The margin expansion we are seeing is not driven by short-term actions; it is the result of structural improvements in product mix, disciplined operating execution, and the leverage we built into our infrastructure. When we spoke last quarter, we described fiscal 2026 as a year where Alliance would operate from a new baseline, one defined by higher-quality revenue, stronger margins, and more consistent earnings power. The second quarter demonstrates that this is not a one-quarter phenomenon. Margin expansion continued, operating leverage remained intact, and our cost discipline held even as we continue to invest selectively in areas that support long-term growth. The performance this quarter reflects several themes that have been consistent across the business.

We continue to see a shift towards higher-value products, particularly in premium physical media and collectibles. Our exclusive content partnerships are contributing to better pricing, stronger sell-through, and improved visibility with retail partners. And our distribution and fulfillment infrastructure continues to scale efficiently, allowing us to support growth while maintaining tight control over costs. Taken together, the second quarter reinforced that Alliance is executing against a clear strategic plan that prioritizes earnings quality, margin durability, and disciplined growth. We are building a business that generates sustainable profitability and positions us well for long-term value creation.

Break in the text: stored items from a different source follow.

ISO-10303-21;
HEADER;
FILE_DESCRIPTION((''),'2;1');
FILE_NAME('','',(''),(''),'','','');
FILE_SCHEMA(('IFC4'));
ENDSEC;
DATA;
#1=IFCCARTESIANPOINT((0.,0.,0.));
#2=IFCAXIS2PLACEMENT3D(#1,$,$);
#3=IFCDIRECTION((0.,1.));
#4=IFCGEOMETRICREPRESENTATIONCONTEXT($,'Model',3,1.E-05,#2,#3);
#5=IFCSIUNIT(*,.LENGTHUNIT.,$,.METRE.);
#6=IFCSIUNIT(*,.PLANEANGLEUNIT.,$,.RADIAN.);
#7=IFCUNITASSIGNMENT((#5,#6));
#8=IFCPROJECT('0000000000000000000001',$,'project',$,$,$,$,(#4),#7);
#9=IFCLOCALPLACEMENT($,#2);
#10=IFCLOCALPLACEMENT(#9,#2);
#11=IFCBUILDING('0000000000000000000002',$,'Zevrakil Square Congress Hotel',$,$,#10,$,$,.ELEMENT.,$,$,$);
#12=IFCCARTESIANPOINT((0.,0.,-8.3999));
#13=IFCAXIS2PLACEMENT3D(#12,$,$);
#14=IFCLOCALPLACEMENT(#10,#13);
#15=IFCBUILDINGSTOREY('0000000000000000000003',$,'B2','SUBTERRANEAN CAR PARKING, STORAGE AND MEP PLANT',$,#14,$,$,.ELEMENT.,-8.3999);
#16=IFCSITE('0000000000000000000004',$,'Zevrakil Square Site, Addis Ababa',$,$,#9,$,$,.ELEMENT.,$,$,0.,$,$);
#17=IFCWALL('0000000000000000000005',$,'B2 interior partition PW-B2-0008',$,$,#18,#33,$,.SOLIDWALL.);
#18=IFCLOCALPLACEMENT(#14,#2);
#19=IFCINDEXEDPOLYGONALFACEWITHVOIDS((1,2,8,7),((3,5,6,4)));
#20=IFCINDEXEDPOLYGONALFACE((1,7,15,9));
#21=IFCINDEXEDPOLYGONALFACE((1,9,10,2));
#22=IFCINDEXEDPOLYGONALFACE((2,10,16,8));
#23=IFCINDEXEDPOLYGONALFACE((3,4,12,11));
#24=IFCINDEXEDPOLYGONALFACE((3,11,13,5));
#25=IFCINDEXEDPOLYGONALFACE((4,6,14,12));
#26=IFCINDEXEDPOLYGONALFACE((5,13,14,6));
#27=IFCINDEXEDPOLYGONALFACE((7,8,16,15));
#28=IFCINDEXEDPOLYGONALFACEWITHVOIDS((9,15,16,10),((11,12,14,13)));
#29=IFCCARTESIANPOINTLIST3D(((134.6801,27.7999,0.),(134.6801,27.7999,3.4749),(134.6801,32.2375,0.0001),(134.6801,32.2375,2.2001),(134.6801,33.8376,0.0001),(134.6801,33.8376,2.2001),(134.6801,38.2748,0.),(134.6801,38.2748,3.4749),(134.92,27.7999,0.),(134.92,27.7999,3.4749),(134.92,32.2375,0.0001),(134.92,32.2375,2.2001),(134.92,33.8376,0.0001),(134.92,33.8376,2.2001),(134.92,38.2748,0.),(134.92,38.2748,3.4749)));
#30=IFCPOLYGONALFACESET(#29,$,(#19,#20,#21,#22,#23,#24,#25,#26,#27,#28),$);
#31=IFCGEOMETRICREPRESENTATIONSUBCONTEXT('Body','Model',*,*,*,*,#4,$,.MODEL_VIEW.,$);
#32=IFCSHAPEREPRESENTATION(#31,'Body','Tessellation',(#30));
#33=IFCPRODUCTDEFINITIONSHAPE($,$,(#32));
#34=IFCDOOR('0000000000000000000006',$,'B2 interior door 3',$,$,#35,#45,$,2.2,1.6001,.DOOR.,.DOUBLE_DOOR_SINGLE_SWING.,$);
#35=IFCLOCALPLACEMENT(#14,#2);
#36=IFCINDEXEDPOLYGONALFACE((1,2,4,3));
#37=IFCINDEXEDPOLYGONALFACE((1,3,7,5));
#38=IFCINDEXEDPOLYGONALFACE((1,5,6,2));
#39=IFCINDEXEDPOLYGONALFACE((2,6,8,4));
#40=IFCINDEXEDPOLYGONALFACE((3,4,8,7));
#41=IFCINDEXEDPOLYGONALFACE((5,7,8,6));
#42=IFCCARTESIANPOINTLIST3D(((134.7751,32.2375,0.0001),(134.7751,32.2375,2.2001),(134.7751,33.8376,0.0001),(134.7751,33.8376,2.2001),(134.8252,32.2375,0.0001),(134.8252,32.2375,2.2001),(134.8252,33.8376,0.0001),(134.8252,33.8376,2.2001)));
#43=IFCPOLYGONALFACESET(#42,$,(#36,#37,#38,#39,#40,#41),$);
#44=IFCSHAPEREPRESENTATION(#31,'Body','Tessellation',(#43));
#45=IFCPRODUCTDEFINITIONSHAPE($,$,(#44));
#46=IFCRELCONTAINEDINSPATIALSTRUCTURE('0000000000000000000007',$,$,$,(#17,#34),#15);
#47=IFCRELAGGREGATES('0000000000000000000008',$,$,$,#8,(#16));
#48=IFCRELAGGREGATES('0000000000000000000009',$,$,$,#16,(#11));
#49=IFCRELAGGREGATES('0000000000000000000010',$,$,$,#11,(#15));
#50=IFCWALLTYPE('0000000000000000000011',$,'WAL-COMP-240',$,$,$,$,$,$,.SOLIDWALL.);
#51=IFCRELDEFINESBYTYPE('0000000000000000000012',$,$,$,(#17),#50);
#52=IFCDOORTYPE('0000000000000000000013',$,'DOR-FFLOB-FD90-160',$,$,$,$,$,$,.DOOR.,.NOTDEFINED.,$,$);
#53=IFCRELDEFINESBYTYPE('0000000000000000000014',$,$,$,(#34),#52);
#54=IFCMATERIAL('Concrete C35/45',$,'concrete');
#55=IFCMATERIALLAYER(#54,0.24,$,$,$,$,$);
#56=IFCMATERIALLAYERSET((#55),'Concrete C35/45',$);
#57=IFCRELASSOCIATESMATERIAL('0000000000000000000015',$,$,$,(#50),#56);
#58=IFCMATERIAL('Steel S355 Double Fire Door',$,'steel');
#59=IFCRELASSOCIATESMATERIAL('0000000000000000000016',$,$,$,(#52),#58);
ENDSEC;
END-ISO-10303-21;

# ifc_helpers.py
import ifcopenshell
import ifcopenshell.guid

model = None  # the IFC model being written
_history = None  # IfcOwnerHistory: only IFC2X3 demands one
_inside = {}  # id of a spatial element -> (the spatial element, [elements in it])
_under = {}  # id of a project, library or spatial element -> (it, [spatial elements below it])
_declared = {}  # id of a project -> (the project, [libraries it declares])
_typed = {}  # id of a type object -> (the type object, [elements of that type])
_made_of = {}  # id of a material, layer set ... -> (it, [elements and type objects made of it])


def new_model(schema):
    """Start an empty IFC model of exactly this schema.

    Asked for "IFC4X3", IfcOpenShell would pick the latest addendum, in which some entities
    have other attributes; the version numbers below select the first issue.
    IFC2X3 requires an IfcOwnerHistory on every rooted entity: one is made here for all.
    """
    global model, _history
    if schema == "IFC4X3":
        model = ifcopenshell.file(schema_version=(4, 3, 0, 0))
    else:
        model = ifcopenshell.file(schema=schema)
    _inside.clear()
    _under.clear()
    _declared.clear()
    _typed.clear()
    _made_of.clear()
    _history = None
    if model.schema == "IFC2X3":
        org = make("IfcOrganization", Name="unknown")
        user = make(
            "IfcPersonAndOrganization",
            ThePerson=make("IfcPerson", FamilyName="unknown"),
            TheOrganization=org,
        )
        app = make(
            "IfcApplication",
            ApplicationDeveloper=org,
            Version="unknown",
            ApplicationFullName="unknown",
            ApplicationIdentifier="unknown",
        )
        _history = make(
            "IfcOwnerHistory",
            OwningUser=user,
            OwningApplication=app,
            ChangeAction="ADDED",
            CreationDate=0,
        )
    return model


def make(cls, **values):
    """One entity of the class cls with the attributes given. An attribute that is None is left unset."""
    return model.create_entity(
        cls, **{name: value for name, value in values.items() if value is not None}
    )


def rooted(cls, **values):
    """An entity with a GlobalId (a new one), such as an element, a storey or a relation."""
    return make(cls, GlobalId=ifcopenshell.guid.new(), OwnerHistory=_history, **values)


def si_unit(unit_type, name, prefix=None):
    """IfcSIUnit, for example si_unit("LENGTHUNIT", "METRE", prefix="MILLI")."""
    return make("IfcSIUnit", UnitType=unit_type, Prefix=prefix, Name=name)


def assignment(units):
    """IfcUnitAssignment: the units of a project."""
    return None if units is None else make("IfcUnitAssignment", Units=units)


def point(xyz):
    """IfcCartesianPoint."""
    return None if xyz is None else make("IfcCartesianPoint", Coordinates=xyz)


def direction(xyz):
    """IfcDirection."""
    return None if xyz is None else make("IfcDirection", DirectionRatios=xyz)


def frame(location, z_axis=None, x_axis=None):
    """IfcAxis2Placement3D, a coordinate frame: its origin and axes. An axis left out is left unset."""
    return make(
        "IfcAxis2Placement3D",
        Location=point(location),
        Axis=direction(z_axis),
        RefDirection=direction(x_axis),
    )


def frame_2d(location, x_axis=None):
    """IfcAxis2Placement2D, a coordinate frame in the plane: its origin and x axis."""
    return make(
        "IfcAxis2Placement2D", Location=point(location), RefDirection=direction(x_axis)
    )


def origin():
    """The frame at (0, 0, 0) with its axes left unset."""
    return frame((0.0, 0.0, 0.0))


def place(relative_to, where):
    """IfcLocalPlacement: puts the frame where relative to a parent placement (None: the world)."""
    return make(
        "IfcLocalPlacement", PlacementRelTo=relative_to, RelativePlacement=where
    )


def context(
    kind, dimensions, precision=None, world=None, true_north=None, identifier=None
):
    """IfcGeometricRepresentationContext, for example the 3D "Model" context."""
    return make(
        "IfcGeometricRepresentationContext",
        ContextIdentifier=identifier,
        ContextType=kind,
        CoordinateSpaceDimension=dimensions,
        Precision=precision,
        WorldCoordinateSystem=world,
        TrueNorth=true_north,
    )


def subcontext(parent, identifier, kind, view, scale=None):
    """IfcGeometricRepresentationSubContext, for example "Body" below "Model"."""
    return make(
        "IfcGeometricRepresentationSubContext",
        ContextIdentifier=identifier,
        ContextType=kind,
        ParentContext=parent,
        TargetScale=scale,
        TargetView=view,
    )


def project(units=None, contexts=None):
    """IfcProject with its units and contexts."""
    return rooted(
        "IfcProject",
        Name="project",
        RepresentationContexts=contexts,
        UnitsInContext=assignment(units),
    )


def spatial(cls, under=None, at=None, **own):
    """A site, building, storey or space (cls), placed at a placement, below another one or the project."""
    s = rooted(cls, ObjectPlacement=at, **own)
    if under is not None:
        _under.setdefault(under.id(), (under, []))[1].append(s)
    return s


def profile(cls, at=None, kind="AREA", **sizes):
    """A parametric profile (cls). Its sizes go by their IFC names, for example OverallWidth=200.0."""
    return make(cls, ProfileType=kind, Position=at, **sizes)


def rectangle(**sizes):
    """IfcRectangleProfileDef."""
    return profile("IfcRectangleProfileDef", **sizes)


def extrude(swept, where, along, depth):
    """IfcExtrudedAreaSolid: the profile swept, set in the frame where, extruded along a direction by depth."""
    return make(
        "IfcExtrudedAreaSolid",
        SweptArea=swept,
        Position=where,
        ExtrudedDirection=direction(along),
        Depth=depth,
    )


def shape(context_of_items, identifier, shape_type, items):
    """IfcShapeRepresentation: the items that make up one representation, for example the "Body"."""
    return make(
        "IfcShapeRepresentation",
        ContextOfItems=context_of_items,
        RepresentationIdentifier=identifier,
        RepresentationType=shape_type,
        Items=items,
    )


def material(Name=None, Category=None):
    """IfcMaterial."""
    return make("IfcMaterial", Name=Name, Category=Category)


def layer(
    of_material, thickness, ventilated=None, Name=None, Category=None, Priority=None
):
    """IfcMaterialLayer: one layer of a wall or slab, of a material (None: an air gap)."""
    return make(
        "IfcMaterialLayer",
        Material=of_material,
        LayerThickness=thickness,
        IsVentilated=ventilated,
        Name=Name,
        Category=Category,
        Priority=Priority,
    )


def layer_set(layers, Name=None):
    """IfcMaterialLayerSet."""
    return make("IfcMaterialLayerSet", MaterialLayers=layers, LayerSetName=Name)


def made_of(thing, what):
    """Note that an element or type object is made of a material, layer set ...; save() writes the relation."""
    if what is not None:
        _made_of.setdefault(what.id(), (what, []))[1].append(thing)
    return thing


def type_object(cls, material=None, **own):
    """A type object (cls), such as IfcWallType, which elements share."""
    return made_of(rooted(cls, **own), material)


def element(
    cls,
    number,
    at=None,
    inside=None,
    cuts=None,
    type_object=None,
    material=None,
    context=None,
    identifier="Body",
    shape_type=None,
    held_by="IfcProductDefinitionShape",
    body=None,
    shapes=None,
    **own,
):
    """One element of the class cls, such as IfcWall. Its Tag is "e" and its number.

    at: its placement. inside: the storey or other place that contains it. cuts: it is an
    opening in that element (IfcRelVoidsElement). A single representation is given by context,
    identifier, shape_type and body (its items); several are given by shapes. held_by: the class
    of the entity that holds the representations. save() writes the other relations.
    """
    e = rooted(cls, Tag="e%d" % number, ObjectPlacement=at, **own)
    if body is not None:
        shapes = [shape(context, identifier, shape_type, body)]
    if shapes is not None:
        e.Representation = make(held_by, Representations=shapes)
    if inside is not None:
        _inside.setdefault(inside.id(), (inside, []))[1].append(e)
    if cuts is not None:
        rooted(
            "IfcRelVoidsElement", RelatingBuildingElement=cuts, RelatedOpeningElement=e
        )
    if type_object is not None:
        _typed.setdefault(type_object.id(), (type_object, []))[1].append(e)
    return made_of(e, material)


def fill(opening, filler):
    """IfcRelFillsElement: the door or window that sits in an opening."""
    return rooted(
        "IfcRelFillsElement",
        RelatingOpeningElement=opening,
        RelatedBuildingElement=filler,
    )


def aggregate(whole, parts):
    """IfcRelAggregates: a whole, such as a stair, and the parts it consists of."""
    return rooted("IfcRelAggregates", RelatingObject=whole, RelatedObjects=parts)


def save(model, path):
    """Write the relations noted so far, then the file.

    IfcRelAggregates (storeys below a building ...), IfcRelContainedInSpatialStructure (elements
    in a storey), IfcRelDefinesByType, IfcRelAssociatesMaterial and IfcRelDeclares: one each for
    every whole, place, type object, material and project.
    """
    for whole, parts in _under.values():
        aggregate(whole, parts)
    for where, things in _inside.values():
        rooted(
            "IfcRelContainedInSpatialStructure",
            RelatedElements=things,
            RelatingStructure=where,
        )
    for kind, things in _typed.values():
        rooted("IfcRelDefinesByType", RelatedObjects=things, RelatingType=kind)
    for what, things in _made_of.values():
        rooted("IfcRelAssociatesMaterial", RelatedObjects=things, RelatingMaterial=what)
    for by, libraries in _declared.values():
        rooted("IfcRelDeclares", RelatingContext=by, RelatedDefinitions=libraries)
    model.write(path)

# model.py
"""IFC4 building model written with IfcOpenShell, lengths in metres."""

from ifc_helpers import new_model, si_unit, direction, frame, frame_2d, origin, place, context, subcontext, project, spatial, rectangle, extrude, material, layer, layer_set, type_object, element, fill, save


model = new_model("IFC4")

# Units and contexts
model_context = context("Model", 3, precision=1e-05, world=origin(), true_north=direction((0.0, 1.0)))
body_context = subcontext(model_context, "Body", "Model", "MODEL_VIEW")
ifc_project = project(units=[si_unit("LENGTHUNIT", "METRE"), si_unit("PLANEANGLEUNIT", "RADIAN")], contexts=[model_context])

# Site, building, storey
site_placement = place(None, origin())
site = spatial("IfcSite", under=ifc_project, at=site_placement, Name="Zevrakil Square Site, Addis Ababa", CompositionType="ELEMENT", RefElevation=0.0)
building_placement = place(site_placement, origin())
building = spatial("IfcBuilding", under=site, at=building_placement, Name="Zevrakil Square Congress Hotel", CompositionType="ELEMENT")
storey_placement = place(building_placement, frame((0.0, 0.0, -8.3999)))
storey = spatial("IfcBuildingStorey", under=building, at=storey_placement, Name="B2", Description="SUBTERRANEAN CAR PARKING, STORAGE AND MEP PLANT", CompositionType="ELEMENT", Elevation=-8.3999)

# Wall, opening, door
ifc_material_1 = material(Name="Concrete C35/45", Category="concrete")
ifc_layer = layer(ifc_material_1, 0.24)
ifc_layer_set = layer_set([ifc_layer], Name="Concrete C35/45")
wall_type = type_object("IfcWallType", Name="WAL-COMP-240", PredefinedType="SOLIDWALL", material=ifc_layer_set)
wall_placement = place(storey_placement, frame((134.8, 27.8, 0.0), z_axis=(0.0, 0.0, 1.0), x_axis=(0.0, 1.0, 0.0)))
wall = element("IfcWall", 1, at=wall_placement, inside=storey, type_object=wall_type, Name="B2 interior partition PW-B2-0008", PredefinedType="SOLIDWALL", context=body_context, shape_type="SweptSolid", body=[
    extrude(rectangle(XDim=10.4749, YDim=0.24, at=frame_2d((5.2373, 0.0))), origin(), (0.0, 0.0, 1.0), 3.4749),
])
opening_placement = place(wall_placement, frame((4.4375, 0.0, 0.0)))
opening = element("IfcOpeningElement", 2, at=opening_placement, cuts=wall, PredefinedType="OPENING", context=body_context, shape_type="SweptSolid", body=[
    extrude(rectangle(XDim=1.6001, YDim=2.2, at=frame_2d((0.8, 1.1001))), frame((0.0, 0.1299, 0.0), z_axis=(0.0, -1.0, 0.0), x_axis=(1.0, 0.0, 0.0)), (0.0, 0.0, 1.0), 0.26),
])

With that context, I would like to walk you through the key drivers behind this performance, starting with how our content strategy and category focus are shaping results across the portfolio. One area I want to spend a few minutes on is physical media because it is important to be clear about how we think about this category today. At Alliance, we do not view physical media as a legacy business. We view it as a collectible category driven by enthusiasts, premium formats, and exclusivity. That distinction matters because it explains both the performance we delivered this quarter and strategic decisions we are making going forward.